I think it is a bit hard to suggest an opinion on a rowboat/rowing without a bit more concrete concept in mind. 
What would be its place within the game? To get to different places - do you suggest something like "row to a different island" for like an expansion? 

Im an amateur to rowing, done it maybe three or four times in my life, on a lake and on a river. Given the extreme weather in TLD, rowing a boat onto the sea seems like a very risky thing to me. Would one not get swept onto an open sea by wind of strong water currents? Any still waters on the island, such as lakes, would be frozen over to begin with so I cant see the rowboat being very useful there.

What could work is if it was a boat, meant for crossing a running water such as river, and it was fitted to a strong rope that connected the two opposite sides of the running river. If it was a boat, fixed to a wire, that could work, I think. Seems a bit excessive for TLD in my opinion though. A bridge, or even a fallen log over the river, would work just as well without a need to program something new. Just a couple of my opinions. :) 

  • Upvote 1
Posted

The mechanism to get the character to another place to adventure would likely be using say a beached (ice-bound) boat as the transition point to the other place and a similar ice-bound boat for the return transition.  Not much reason to provide the visuals and such for a character rowing the boat. 

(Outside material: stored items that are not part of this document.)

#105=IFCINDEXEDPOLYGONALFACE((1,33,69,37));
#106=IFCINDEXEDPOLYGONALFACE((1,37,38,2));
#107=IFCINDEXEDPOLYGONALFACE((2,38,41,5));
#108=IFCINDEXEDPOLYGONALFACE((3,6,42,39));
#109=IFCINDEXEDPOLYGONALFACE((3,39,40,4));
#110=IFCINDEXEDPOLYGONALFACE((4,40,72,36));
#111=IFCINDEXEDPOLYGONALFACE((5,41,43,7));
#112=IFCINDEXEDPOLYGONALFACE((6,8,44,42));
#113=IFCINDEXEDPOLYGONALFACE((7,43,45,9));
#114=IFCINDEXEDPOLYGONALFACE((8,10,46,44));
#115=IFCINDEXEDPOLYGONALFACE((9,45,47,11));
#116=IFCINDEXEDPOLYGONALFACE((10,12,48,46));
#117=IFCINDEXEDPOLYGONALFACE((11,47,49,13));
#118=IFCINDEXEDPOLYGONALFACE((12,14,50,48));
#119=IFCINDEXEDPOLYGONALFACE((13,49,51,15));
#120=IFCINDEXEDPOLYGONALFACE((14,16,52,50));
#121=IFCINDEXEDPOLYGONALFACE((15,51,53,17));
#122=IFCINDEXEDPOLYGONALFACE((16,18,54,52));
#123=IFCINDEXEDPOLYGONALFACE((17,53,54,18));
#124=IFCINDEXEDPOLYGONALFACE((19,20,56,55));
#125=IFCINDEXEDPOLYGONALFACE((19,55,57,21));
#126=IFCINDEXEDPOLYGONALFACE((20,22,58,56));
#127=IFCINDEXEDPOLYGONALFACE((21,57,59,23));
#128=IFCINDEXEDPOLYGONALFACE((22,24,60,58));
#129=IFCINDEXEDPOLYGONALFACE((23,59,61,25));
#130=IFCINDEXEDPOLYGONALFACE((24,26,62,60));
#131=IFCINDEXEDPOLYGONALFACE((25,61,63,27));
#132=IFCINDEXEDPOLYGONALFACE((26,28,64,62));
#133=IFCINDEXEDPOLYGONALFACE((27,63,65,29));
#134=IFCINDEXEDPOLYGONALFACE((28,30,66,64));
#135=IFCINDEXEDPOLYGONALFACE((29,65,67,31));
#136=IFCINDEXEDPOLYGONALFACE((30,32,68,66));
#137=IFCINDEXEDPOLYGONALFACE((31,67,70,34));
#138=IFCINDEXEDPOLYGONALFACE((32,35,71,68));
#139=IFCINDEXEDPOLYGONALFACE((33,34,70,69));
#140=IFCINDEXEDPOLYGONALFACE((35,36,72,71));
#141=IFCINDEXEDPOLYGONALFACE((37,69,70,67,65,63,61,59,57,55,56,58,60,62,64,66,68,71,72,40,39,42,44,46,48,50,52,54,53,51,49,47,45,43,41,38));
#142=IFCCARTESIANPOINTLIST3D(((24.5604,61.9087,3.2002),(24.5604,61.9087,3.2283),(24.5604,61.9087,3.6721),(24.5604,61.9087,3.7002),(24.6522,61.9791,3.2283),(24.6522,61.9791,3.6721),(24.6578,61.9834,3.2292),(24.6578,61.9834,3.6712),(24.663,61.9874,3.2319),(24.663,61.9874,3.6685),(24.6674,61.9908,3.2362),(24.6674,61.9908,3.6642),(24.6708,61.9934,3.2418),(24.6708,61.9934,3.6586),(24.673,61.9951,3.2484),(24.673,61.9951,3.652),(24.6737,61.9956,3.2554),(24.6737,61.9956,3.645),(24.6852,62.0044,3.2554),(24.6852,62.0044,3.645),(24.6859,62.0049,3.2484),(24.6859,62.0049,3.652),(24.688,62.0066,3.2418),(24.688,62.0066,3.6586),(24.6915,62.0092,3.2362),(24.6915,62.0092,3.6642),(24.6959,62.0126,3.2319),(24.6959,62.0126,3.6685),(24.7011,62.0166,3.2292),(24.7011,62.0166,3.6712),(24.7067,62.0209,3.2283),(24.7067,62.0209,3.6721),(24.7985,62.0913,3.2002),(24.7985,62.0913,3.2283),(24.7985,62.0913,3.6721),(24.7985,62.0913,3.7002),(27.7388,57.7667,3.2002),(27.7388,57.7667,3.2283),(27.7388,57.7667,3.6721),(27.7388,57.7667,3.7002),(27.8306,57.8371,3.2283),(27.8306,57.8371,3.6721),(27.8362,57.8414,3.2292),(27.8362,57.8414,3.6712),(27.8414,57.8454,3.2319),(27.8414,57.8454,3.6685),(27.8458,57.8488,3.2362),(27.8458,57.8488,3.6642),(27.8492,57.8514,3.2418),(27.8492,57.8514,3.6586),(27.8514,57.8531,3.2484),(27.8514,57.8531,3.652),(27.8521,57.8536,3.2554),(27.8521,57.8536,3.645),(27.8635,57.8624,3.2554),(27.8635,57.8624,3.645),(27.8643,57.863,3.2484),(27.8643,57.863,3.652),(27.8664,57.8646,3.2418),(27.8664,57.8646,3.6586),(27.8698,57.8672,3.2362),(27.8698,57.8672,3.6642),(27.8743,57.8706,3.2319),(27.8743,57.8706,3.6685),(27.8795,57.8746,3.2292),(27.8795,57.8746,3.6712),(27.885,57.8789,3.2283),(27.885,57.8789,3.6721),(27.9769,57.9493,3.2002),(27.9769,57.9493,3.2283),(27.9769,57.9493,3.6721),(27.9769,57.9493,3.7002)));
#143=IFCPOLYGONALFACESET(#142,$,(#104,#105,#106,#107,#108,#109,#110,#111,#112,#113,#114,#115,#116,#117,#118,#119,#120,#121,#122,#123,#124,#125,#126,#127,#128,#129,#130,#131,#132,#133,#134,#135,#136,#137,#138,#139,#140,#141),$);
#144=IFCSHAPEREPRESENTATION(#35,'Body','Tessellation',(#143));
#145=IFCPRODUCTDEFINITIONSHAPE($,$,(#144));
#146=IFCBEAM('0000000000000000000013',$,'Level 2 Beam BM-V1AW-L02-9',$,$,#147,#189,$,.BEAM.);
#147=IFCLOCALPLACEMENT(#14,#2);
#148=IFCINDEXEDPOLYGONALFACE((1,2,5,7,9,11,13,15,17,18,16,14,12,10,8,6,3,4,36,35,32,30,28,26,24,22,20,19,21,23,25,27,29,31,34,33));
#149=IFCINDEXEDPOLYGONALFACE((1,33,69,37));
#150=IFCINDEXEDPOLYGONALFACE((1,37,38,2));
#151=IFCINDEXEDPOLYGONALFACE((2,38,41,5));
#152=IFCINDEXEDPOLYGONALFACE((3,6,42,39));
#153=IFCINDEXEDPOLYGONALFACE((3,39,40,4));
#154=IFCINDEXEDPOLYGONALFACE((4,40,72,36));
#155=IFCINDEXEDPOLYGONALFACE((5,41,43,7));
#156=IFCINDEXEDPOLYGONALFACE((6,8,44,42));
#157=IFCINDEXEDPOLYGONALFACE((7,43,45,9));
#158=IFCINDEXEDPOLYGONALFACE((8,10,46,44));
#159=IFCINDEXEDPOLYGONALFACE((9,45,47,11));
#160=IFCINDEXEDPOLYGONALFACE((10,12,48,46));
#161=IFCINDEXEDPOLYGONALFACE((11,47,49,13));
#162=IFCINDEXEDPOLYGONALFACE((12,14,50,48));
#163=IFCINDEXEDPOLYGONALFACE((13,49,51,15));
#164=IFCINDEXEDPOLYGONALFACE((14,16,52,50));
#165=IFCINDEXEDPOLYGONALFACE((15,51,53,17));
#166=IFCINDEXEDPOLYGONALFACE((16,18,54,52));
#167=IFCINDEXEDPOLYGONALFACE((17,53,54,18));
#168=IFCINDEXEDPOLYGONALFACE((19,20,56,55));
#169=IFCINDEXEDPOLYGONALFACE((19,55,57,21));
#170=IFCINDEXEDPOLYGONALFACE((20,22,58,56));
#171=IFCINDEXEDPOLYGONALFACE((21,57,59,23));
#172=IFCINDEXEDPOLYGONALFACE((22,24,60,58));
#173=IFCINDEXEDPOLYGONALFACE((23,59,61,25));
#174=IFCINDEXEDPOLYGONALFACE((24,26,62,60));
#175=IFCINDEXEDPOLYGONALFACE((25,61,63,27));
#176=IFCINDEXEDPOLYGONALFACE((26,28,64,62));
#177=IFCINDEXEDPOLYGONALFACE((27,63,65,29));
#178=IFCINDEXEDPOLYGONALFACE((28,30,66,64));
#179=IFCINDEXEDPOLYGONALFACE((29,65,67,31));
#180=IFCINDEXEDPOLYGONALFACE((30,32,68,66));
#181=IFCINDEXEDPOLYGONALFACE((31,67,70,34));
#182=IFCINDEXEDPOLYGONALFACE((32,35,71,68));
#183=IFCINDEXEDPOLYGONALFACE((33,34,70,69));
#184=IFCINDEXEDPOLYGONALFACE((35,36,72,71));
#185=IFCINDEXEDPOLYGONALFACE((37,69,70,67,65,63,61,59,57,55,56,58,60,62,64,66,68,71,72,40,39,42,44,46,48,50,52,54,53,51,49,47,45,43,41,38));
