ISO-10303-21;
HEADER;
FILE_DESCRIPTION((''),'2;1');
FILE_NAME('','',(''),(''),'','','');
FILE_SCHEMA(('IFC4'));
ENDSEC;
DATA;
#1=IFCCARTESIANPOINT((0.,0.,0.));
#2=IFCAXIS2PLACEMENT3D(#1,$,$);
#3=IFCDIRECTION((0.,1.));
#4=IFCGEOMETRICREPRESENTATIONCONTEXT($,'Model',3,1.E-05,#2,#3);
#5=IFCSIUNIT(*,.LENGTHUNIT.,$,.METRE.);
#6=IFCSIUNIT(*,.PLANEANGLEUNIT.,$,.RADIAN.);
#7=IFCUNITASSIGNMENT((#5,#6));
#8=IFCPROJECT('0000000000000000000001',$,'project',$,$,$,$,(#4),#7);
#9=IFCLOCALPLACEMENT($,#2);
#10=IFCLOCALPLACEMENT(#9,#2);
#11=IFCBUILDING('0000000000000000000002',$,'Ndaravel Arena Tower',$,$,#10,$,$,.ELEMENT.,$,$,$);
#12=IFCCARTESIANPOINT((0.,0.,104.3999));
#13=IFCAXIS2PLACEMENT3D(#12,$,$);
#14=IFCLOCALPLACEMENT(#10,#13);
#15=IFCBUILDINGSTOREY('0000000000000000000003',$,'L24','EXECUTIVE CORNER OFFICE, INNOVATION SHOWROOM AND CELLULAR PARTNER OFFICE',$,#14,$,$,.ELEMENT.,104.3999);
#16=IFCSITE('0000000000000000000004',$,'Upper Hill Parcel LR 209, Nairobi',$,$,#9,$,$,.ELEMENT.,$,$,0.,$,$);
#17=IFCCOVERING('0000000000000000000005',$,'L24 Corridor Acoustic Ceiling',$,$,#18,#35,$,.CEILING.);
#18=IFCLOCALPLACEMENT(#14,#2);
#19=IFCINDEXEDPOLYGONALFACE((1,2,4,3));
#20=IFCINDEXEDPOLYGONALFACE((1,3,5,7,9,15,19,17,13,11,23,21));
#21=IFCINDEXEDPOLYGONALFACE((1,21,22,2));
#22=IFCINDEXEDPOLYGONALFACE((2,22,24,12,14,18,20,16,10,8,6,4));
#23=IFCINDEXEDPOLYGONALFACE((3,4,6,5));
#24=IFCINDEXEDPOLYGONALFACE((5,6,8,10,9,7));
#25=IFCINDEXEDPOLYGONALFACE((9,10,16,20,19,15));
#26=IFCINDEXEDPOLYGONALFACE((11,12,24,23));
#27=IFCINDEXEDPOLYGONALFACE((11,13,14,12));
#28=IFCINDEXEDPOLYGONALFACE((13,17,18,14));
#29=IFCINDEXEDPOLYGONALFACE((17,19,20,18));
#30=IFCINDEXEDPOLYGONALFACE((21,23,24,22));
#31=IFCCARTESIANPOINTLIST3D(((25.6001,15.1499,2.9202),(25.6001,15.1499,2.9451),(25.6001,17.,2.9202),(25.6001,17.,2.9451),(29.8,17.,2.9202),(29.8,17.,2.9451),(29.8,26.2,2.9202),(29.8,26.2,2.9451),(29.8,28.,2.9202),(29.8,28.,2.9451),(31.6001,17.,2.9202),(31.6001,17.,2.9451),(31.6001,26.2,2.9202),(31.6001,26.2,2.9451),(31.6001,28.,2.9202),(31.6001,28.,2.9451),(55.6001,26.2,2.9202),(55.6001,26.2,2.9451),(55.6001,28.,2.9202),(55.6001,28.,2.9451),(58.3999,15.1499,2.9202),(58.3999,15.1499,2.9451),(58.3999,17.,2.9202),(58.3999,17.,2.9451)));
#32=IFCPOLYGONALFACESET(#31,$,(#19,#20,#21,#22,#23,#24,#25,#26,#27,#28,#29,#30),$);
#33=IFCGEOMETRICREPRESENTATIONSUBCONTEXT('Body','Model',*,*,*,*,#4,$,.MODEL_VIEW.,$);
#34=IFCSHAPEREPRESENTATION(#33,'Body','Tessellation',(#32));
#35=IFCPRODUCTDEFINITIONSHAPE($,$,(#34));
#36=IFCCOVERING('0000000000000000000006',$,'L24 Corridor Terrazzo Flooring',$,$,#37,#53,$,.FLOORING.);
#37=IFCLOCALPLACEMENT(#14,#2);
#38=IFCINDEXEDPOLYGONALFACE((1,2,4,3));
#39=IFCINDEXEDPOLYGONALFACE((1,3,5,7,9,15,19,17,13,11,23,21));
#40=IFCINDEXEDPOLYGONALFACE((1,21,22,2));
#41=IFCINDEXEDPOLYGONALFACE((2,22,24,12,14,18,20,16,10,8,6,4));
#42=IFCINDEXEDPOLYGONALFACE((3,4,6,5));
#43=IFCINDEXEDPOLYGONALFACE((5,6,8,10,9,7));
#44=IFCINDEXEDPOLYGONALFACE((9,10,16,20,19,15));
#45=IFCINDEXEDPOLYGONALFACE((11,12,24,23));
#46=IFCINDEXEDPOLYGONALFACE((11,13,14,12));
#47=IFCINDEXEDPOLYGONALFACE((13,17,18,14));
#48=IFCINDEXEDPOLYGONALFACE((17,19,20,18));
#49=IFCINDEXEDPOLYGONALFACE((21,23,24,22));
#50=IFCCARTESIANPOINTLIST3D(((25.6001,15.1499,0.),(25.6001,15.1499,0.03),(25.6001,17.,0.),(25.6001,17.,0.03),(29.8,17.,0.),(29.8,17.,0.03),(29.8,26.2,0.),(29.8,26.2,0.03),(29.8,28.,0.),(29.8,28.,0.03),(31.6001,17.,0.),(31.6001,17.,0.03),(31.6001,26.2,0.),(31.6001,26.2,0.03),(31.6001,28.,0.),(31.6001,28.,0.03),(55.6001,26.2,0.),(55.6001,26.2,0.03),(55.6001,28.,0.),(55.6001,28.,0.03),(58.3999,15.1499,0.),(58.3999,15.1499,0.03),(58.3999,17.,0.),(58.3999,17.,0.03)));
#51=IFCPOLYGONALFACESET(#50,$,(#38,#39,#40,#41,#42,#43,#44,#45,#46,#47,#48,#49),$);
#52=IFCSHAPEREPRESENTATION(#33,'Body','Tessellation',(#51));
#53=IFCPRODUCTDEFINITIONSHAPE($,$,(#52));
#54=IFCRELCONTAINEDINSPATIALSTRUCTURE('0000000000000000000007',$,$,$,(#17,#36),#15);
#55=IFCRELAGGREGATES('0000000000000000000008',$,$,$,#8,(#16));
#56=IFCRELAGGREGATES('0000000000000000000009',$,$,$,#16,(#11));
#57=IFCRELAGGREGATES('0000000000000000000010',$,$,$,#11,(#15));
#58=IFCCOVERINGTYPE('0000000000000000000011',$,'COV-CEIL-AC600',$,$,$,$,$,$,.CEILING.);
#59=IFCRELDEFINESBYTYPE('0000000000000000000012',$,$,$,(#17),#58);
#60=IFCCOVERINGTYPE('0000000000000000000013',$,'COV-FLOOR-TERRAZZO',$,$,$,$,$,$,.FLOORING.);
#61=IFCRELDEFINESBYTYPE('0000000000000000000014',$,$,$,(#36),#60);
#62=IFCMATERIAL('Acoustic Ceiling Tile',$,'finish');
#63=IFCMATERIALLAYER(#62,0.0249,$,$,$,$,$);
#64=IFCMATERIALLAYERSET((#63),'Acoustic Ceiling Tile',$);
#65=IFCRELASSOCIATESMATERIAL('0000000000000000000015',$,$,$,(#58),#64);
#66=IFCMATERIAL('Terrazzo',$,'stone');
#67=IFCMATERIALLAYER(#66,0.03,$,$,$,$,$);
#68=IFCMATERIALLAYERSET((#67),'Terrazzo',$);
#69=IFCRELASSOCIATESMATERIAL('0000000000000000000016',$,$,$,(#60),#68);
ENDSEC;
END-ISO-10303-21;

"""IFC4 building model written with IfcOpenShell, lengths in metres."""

from ifc_helpers import new_model, si_unit, direction, frame, origin, place, context, subcontext, project, spatial, polyline, outline, extrude, material, layer, layer_set, type_object, element, save


model = new_model("IFC4")

# Units and contexts
model_context = context("Model", 3, precision=1e-05, world=origin(), true_north=direction((0.0, 1.0)))
body_context = subcontext(model_context, "Body", "Model", "MODEL_VIEW")
ifc_project = project(units=[si_unit("LENGTHUNIT", "METRE"), si_unit("PLANEANGLEUNIT", "RADIAN")], contexts=[model_context])

# Site, building, storey
site_placement = place(None, origin())
site = spatial("IfcSite", under=ifc_project, at=site_placement, Name="Upper Hill Parcel LR 209, Nairobi", CompositionType="ELEMENT", RefElevation=0.0)
building_placement = place(site_placement, origin())
building = spatial("IfcBuilding", under=site, at=building_placement, Name="Ndaravel Arena Tower", CompositionType="ELEMENT")
storey_placement = place(building_placement, frame((0.0, 0.0, 104.3999)))
storey = spatial("IfcBuildingStorey", under=building, at=storey_placement, Name="L24", Description="EXECUTIVE CORNER OFFICE, INNOVATION SHOWROOM AND CELLULAR PARTNER OFFICE", CompositionType="ELEMENT", Elevation=104.3999)

# Coverings
ifc_material_1 = material(Name="Acoustic Ceiling Tile", Category="finish")
ifc_layer_1 = layer(ifc_material_1, 0.0249)
ifc_layer_set_1 = layer_set([ifc_layer_1], Name="Acoustic Ceiling Tile")
covering_type_1 = type_object("IfcCoveringType", Name="COV-CEIL-AC600", PredefinedType="CEILING", material=ifc_layer_set_1)
covering_1_placement = place(storey_placement, frame((0.0, 0.0, 2.9202)))
element("IfcCovering", 1, at=covering_1_placement, inside=storey, type_object=covering_type_1, Name="L24 Corridor Acoustic Ceiling", PredefinedType="CEILING", context=body_context, shape_type="SweptSolid", body=[
    extrude(outline(polyline([(58.3999, 17.0), (31.6001, 17.0), (31.6001, 26.2), (55.6001, 26.2), (55.6001, 28.0), (31.6001, 28.0), (29.8, 28.0), (29.8, 26.2), (29.8, 17.0), (25.6001, 17.0), (25.6001, 15.1499), (58.3999, 15.1499), (58.3999, 17.0)])), origin(), (0.0, 0.0, 1.0), 0.0249),
])
ifc_material_2 = material(Name="Terrazzo", Category="stone")
ifc_layer_2 = layer(ifc_material_2, 0.03)
ifc_layer_set_2 = layer_set([ifc_layer_2], Name="Terrazzo")
covering_type_2 = type_object("IfcCoveringType", Name="COV-FLOOR-TERRAZZO", PredefinedType="FLOORING", material=ifc_layer_set_2)
covering_2_placement = place(storey_placement, origin())
element("IfcCovering", 2, at=covering_2_placement, inside=storey, type_object=covering_type_2, Name="L24 Corridor Terrazzo Flooring", PredefinedType="FLOORING", context=body_context, shape_type="SweptSolid", body=[
    extrude(outline(polyline([(58.3999, 17.0), (31.6001, 17.0), (31.6001, 26.2), (55.6001, 26.2), (55.6001, 28.0), (31.6001, 28.0), (29.8, 28.0), (29.8, 26.2), (29.8, 17.0), (25.6001, 17.0), (25.6001, 15.1499), (58.3999, 15.1499), (58.3999, 17.0)])), origin(), (0.0, 0.0, 1.0), 0.03),
])

save(model, "model.ifc")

The destinations (away from GBI) could include:

1) A small island with not much more than a small isolated cabin, possible fishing around the island, and not much else.  Intended for a getaway spot for fishing in happier and warmer times.  Beachcombing would supply wood, coal, and other items.  Bad weather would or could be harsher out on the island and more frequent.   Alternately, it might have even less shelter (ersatz) lean-to or remnants of a cabin (like Forester's Hermitage).   Definitely a rim grill for a picnic/barbeque area (like outside the PV farmstead or at Thomson's Crossing).  

2) A small island with an anchorage that can be where the Trader has his camp/boat.  A small cabin. A small storage area.  His boat would allow for extension to yet another place - small or large island or even the mainland - but that would be a future DLC.  Steal anything from the Trader Joe's Place and you get barred "for life" from going to the "trading post" which would provide possibilities (quests) for getting back in Joe's good graces though he has a Three Strikes Rule.  

3) A barren island.  A lonely rocky spur with nothing much going for it except bad weather, no water, no food, and only what beachcombing turns up. 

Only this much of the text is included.